The legislation, if passed, would make California the first state in the nation to establish basic consumer protections for student loan borrowers. AB 376 creates the Student Borrower Bill of Rights.
Under the Student Borrower Bill of Rights, borrowers will receive reliable information, quality customer service and meaningful access to loan repayment and forgiveness programs. AB 376 also establishes an important new advocate for student borrowers, the Student Borrower Ombudsman Advocate. Further, it helps set standards, monitor practices and empowers student borrowers to enforce these rights when facing bad actors in the student loan industry.
The consumer protections contained in the bill will help a wide range of Californians. Rural communities as well as urban ones are home to student borrowers burdened by debt. Students of color and women are more likely to have to take on loans. Older Californians are increasingly burdened by the student debt they still carry. Veterans, often the targets of for-profit colleges, have also been victims of predatory lending practices. And nationally, more than 200,000 active duty servicemembers hold more than $2.9 billion in outstanding student loans.

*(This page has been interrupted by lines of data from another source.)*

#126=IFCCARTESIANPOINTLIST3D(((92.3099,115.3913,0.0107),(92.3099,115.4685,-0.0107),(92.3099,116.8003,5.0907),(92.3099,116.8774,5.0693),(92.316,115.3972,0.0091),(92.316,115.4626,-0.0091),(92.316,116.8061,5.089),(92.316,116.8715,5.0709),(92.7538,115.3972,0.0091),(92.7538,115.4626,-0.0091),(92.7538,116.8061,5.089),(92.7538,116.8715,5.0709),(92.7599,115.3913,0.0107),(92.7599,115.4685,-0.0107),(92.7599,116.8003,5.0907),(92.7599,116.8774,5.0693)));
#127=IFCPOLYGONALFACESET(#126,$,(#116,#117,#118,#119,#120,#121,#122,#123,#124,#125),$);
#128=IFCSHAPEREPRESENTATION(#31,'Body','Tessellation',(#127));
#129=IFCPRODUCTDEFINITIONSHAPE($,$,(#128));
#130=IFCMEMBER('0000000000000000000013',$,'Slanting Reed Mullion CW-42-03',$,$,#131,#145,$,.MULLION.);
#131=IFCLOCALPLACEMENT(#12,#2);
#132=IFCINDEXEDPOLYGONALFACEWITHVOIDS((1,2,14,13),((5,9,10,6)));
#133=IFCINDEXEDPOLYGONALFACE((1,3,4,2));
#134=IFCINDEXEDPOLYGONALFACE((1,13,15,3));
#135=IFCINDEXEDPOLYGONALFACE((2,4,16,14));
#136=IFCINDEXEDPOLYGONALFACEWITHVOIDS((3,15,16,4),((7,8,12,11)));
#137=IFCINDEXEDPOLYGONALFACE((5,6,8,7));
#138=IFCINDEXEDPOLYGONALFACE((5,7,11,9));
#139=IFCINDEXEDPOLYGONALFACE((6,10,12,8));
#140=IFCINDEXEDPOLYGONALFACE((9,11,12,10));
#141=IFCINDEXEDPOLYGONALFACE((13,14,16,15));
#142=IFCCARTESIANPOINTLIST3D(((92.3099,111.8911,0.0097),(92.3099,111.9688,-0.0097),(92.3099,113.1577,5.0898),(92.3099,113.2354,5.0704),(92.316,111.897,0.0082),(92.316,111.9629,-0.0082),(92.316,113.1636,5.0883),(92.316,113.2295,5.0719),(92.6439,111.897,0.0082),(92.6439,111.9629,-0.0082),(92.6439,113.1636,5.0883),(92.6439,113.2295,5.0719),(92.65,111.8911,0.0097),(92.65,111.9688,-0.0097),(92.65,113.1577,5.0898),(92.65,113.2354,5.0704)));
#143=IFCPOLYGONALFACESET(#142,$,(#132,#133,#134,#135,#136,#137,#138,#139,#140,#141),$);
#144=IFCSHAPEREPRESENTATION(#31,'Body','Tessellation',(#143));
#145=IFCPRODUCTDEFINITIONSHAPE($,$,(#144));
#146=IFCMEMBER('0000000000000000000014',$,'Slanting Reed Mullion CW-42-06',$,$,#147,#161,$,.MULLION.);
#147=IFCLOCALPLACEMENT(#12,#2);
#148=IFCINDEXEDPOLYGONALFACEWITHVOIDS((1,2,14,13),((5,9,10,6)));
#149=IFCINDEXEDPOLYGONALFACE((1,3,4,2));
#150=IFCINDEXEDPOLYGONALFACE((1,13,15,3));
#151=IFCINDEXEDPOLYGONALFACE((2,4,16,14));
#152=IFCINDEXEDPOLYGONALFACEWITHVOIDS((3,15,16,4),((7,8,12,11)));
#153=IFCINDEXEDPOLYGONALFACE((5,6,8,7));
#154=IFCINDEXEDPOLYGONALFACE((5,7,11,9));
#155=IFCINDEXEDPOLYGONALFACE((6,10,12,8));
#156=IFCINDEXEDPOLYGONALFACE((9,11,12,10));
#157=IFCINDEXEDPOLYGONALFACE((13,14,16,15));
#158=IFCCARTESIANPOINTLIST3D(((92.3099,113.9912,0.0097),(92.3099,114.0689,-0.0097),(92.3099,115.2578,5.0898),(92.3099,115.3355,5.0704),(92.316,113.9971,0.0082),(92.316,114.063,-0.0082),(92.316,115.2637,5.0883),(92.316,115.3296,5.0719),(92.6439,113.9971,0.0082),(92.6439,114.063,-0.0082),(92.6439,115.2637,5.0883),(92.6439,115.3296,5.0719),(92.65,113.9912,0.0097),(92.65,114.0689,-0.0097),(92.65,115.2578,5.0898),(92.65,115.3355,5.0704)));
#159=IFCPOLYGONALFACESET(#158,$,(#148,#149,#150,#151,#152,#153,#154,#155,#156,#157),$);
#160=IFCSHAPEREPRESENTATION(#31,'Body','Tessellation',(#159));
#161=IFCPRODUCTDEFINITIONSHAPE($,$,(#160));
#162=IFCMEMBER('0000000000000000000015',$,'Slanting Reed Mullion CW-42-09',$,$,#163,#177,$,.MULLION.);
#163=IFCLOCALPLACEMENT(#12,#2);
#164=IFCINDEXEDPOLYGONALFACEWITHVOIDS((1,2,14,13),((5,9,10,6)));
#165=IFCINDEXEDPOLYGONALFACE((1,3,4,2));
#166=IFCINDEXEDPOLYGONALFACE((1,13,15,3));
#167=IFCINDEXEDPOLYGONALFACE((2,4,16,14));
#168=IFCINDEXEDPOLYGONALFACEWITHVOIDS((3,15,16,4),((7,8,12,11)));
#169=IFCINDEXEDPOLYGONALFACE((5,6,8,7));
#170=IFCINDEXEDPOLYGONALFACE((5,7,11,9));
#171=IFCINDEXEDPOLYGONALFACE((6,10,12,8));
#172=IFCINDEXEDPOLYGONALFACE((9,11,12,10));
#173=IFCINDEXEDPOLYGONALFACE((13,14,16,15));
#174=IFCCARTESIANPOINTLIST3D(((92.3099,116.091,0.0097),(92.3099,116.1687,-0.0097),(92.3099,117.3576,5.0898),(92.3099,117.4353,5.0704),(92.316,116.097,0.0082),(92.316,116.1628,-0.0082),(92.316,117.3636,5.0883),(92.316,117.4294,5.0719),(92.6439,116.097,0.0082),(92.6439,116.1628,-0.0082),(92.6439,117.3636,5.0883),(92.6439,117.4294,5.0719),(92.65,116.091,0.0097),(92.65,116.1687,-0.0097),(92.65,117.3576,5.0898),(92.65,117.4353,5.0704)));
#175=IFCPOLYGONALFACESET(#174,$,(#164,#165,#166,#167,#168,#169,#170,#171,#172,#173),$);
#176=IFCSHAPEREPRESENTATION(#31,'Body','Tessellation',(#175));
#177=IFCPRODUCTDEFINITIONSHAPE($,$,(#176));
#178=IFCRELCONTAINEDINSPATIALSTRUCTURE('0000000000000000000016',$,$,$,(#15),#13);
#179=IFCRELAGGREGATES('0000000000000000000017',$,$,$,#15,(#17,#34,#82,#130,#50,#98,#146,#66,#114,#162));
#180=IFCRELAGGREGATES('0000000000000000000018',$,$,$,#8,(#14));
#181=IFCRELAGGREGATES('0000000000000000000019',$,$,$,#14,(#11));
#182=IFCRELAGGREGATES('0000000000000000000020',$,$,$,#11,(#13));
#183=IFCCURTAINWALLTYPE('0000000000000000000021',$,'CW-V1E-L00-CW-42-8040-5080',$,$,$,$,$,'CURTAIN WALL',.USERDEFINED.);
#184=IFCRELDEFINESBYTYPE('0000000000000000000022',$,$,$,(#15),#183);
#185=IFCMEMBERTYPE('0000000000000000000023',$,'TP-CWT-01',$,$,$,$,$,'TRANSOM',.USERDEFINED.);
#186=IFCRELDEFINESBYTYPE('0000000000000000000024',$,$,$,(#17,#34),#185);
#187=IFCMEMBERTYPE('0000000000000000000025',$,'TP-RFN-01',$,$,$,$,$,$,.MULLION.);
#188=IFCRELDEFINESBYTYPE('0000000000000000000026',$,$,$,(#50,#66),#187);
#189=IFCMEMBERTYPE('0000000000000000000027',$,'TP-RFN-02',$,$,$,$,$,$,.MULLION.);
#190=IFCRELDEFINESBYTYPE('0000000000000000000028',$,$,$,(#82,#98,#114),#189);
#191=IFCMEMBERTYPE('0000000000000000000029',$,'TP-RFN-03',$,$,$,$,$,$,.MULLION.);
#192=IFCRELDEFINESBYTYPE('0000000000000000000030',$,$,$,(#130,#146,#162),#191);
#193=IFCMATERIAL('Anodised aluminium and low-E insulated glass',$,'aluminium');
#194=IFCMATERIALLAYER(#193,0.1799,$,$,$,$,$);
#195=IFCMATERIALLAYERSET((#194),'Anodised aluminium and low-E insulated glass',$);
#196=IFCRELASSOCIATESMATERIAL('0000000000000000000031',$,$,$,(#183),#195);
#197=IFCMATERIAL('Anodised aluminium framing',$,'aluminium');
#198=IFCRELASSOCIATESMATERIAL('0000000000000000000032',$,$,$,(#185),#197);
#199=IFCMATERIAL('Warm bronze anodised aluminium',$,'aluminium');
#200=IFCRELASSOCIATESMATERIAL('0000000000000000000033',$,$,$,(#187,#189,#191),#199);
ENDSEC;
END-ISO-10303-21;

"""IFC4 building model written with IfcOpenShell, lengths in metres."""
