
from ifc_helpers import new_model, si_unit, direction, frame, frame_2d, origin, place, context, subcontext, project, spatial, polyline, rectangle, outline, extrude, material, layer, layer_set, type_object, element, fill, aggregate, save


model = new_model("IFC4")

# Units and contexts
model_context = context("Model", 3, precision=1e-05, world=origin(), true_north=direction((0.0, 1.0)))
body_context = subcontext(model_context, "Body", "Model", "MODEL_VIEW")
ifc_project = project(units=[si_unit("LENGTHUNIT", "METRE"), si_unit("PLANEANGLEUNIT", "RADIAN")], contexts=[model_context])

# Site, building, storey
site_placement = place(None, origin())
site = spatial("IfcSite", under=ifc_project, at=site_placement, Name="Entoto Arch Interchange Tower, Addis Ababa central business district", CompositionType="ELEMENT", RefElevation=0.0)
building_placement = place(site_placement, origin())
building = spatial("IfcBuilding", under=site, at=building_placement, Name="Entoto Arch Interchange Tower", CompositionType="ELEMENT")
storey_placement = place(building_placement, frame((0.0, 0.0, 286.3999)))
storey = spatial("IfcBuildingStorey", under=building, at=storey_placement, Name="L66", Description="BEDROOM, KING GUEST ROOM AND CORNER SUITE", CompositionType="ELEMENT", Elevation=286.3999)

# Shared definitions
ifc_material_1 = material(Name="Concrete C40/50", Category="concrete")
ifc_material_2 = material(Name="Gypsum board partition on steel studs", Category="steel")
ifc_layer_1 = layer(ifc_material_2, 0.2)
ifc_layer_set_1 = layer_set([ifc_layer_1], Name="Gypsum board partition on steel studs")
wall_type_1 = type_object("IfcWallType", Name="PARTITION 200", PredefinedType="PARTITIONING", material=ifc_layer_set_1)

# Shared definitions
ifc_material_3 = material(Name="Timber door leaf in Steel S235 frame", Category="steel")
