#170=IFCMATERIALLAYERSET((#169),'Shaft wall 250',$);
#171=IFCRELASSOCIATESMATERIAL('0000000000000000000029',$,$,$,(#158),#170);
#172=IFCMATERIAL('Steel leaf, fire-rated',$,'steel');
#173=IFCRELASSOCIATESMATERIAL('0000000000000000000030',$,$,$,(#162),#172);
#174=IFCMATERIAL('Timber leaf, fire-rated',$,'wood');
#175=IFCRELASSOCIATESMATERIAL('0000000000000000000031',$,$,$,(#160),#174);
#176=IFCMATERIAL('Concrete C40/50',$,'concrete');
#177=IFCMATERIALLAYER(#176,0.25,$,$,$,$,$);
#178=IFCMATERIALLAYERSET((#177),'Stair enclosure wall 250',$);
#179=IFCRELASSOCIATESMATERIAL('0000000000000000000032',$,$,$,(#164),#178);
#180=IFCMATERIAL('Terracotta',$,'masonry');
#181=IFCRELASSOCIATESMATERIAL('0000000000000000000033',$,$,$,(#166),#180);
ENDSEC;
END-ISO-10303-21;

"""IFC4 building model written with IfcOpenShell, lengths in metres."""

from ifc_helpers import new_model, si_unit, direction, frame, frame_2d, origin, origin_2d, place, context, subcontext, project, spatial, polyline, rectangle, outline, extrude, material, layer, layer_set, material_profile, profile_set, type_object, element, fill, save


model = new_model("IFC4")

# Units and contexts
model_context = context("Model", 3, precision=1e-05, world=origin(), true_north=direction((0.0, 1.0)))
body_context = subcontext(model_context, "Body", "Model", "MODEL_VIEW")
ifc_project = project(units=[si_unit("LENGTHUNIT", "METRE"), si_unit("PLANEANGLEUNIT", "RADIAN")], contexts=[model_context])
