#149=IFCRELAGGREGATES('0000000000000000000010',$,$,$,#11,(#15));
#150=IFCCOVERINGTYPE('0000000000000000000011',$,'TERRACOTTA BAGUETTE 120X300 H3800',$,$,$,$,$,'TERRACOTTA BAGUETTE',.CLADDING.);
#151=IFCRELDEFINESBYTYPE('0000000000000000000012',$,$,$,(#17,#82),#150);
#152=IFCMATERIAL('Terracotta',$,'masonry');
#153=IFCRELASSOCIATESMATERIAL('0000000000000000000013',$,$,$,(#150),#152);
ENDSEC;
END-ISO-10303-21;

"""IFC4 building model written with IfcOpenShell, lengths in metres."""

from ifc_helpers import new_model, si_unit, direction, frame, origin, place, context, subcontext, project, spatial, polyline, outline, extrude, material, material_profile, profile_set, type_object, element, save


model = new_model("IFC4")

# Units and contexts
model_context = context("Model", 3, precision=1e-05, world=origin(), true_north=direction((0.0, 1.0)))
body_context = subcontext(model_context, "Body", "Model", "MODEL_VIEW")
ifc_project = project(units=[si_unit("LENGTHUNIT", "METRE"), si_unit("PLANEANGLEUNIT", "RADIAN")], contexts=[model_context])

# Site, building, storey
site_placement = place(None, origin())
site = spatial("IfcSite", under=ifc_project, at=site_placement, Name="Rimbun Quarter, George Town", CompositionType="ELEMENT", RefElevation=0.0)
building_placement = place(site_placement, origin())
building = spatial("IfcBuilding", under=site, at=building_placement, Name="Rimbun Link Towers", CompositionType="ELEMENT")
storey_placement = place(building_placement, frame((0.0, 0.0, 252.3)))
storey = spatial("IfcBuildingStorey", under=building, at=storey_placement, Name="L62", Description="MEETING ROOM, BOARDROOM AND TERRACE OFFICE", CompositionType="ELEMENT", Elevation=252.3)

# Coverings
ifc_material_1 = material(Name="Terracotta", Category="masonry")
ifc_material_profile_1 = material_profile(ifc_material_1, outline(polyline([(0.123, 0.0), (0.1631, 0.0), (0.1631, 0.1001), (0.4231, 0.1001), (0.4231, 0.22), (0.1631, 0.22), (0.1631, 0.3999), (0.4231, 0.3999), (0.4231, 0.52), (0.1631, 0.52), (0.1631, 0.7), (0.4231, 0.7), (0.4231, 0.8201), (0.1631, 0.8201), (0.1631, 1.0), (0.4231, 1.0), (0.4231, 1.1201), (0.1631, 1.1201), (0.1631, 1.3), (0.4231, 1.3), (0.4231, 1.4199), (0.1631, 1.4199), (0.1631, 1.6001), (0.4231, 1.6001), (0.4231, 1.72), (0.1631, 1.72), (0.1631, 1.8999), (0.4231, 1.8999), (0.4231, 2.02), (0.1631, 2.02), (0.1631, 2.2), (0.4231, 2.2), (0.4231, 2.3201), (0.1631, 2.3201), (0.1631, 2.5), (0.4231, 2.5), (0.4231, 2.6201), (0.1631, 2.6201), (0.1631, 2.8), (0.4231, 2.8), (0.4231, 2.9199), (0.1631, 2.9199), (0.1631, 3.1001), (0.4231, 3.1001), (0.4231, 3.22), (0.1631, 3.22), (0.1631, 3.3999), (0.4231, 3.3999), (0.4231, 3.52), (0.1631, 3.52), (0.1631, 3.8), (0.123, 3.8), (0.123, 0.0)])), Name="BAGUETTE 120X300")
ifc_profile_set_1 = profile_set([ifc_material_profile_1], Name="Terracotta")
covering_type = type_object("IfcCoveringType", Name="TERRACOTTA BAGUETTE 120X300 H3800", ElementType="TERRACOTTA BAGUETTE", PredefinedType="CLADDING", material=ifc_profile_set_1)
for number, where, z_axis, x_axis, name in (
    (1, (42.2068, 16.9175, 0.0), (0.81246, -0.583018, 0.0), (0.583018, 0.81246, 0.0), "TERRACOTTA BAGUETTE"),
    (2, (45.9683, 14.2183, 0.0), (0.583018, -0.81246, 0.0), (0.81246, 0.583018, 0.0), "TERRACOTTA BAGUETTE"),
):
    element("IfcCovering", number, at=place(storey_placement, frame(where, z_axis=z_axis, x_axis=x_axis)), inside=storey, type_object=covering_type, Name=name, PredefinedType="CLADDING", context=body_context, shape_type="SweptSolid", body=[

These are just some of the reasons why a diverse coalition of more than 70 education experts, community organizations, civil rights groups and consumer advocates support the bill. To be successful, though, they have to overcome a push by the big banks and student loan servicers who want more profit and less oversight.
Despite the bill’s swift passing through the California Assembly last year, time is running out to pass it in the Senate. The Legislature adjourns for the year on Aug. 31. While the end of the month is the final legislative deadline, individual action can be taken now. That’s why it’s important for students and their families, along with everyone who wants a sustainable and equitable economic recovery, to contact their state senator as soon as possible urging them to support this groundbreaking legislation.
Typically, many students and their families would be filling stores about now, looking for back-to-school bargains for students entering and returning to college. The plain truth is, the credit card transactions for any of their purchases receive greater scrutiny and offer more consumer protections than the student loans for the college education they are about to receive. AB 376 will protect borrowers – if we act in time.